Agricultura: Dependência estrutural como argumento
A ameaça de tarifas europeias sobre o setor agrícola dos EUA não é abstrata. As exportações agrícolas americanas atingiram recentemente US$ 191 bilhões anualmente, e uma parcela significativa desse valor — soja, carne, nozes e laticínios — depende dos mercados europeus. A Federação Americana de Escritórios Agrícolas (American Farm Bureau Federation) alertou que os agricultores estavam relatando perdas pelo terceiro ano consecutivo em quase todas as principais culturas, e que barreiras comerciais adicionais poderiam representar um fardo econômico insuportável para algumas fazendas. A União Nacional dos Agricultores (National Farmers Union) corroborou essa opinião: as fazendas familiares americanas seriam as mais afetadas, e as consequências se estenderiam a todo o sistema alimentar e às comunidades rurais. O Conselho Nacional de Produtores de Suínos (National Pork Producers Council), o Conselho de Exportação de Aves e Ovos dos EUA (USA Poultry & Egg Export Council) e a Associação Internacional de Alimentos Lácteos (International Dairy Foods Association) enviaram mensagens semelhantes a Washington: as tarifas retaliatórias da Europa atingiriam a agricultura em primeiro lugar.
Tecnologia e engenharia mecânica: foco nas cadeias de suprimentos
O presidente da VDMA, Bertram Kawlath – embora europeu – expressou um sentimento que ressoa com muitas empresas industriais americanas: elas não podem se deixar chantagear, pois cada concessão só incentiva novas exigências. Do lado americano, associações de engenharia mecânica, como a Association of Equipment Manufacturers, argumentam que as tarifas destroem a segurança dos investimentos. Fábricas jamais seriam construídas se as empresas não pudessem prever se o preço das matérias-primas e dos produtos intermediários dobraria amanhã. Este ponto é crucial: o verdadeiro prejuízo causado pelas tarifas não reside nas alíquotas em si, mas na enorme imprevisibilidade. Consultores jurídicos do renomado escritório de advocacia King & Spalding resumiram a questão de forma sucinta: para as empresas, este não é o início de um período estável, mas sim uma nova onda de incerteza – quem acredita que a guerra comercial acabou está redondamente enganado.

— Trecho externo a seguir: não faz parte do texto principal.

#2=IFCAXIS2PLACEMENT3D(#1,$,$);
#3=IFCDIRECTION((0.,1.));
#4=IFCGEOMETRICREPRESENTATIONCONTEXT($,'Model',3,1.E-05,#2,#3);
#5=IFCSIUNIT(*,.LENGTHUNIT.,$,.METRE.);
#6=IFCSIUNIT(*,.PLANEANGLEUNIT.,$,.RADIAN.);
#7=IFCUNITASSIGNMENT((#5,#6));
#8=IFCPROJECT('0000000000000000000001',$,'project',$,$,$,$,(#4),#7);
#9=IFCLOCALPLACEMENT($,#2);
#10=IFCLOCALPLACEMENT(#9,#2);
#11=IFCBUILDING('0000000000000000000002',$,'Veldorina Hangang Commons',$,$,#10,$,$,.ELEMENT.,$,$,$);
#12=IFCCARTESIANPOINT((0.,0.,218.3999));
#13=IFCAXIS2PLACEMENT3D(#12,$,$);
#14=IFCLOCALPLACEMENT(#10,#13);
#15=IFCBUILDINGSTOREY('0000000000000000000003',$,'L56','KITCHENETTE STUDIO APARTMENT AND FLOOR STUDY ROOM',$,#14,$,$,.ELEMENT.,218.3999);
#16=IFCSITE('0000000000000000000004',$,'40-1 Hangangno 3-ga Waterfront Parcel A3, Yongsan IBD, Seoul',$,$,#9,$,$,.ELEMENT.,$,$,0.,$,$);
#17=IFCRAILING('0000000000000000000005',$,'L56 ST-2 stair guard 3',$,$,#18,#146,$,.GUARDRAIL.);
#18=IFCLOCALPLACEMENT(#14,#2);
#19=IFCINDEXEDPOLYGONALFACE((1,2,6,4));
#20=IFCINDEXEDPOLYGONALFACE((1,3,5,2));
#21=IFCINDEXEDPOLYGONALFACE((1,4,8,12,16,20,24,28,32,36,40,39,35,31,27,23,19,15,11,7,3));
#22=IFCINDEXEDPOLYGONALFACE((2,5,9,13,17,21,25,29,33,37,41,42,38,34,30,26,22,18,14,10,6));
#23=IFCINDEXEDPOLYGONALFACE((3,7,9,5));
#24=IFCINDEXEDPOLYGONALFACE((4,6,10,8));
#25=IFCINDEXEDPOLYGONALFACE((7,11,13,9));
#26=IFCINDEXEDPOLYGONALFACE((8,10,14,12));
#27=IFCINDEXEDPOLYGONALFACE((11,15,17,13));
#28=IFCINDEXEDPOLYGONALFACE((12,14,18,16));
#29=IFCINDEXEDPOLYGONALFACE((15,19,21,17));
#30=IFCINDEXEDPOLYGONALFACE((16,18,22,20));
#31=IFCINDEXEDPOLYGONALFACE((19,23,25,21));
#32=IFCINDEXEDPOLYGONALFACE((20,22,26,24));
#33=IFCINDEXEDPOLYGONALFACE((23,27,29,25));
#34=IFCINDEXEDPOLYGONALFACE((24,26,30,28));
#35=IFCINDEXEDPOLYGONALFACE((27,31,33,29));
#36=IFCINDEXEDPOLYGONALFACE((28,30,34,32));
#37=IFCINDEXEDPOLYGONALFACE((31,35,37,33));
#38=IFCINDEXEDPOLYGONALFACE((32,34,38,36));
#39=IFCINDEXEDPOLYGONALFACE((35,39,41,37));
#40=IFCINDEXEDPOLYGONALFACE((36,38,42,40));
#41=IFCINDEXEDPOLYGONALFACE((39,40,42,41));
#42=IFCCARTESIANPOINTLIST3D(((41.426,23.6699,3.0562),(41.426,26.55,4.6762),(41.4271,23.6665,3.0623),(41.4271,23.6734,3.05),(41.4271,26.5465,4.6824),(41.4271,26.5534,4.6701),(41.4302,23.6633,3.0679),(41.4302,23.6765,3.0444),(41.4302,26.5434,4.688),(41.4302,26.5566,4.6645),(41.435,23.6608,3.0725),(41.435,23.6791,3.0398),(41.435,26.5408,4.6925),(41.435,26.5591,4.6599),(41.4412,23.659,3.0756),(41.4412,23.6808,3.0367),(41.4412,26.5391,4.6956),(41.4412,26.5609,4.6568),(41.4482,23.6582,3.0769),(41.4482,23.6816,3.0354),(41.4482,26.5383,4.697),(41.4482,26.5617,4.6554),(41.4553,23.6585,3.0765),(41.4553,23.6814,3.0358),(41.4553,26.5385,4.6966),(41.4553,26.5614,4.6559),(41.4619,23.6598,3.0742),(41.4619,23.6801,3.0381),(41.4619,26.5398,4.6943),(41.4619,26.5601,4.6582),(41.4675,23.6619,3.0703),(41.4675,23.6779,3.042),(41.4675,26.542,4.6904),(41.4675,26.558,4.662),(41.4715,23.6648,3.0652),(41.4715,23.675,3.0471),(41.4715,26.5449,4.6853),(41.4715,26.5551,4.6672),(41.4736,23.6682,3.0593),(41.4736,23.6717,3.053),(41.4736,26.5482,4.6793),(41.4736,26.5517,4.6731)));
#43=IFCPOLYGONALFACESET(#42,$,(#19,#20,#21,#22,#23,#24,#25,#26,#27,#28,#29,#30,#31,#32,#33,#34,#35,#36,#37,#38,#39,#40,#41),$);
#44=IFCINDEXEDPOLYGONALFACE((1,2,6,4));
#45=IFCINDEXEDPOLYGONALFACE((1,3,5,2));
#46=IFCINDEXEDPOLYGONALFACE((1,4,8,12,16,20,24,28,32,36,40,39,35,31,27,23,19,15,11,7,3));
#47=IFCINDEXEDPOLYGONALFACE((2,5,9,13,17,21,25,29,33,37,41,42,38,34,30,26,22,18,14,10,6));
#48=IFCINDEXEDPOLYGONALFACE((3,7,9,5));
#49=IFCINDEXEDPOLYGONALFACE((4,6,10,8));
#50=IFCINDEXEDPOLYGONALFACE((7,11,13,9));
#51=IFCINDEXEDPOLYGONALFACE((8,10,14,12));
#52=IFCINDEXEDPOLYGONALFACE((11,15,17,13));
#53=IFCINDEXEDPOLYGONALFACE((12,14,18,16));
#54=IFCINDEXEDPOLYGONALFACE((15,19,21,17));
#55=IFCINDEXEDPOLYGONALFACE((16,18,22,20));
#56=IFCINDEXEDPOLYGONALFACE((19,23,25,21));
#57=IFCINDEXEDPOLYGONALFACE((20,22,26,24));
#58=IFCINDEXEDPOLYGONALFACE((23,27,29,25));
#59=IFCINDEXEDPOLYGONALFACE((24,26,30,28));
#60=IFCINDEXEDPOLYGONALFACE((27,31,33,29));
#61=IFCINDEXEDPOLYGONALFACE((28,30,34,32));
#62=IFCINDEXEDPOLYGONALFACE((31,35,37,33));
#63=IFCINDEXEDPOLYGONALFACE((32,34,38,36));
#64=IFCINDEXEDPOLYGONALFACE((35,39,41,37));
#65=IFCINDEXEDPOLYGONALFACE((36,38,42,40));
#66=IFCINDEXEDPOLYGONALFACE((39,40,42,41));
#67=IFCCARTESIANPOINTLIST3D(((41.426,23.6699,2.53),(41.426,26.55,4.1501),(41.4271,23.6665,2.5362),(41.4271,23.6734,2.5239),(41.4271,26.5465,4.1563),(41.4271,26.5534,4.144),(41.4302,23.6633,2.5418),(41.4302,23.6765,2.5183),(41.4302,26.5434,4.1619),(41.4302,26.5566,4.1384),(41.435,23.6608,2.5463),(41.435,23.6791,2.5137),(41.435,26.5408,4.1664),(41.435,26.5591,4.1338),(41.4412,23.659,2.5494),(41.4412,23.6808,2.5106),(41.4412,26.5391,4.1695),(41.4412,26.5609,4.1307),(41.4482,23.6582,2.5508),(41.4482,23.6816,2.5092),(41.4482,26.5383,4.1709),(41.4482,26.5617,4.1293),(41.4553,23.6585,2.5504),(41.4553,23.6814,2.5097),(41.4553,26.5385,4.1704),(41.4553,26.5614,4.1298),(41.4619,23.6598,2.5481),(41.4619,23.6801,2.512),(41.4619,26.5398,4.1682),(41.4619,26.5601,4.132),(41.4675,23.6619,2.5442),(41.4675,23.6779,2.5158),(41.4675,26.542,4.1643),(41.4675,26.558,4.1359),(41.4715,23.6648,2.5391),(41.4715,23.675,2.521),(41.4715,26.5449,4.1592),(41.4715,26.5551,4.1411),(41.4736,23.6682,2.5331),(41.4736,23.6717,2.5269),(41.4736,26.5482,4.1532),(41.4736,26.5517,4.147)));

O paradoxo estrutural: por que as forças opostas ainda são muito fracas?
Todas essas forças – tribunais, senadores, governadores, associações – têm algo em comum: agem de forma reativa, são fragmentadas e, até agora, não conseguiram interromper fundamentalmente a política tarifária. As resoluções do Senado geralmente são rejeitadas na Câmara dos Representantes. As decisões judiciais são contornadas por novas declarações de emergência baseadas em outros fundamentos jurídicos. Além disso, o lobby das exportações tem menos presença na mídia do que o lobby dos setores ameaçados pela concorrência das importações. E, por último, mas não menos importante, o ciclo político favorece narrativas protecionistas de curto prazo em detrimento de argumentos de livre comércio de longo prazo.
O problema mais profundo, no entanto, é geopolítico: a Europa reconhece esse paradoxo e está tirando suas conclusões. A pesquisa do ECFR revela não apenas um declínio na confiança, mas também uma reorientação ativa. A Europa está aumentando seus gastos militares por conta própria (cerca de € 800 bilhões até 2030). Está diversificando seus parceiros comerciais por meio de acordos com o Mercosul, o Canadá e os Emirados Árabes Unidos. Está desenvolvendo suas próprias estratégias de matérias-primas e comprando conscientemente mais armas europeias do que americanas. A Carnegie Endowment definiu acertadamente isso como a "abandono silencioso" da Europa em relação aos EUA.
Essa perda fundamental de confiança acaba afetando também as empresas, os agricultores e as instituições americanas que se opõem veementemente às políticas antieuropeias. Isso porque uma Europa que busca autonomia estratégica, a longo prazo, comprará menos GNL americano, menos armas americanas e menos produtos agrícolas americanos. Portanto, a conta não é paga pelos defensores das tarifas, mas justamente por aqueles que alertam com mais veemência sobre as consequências.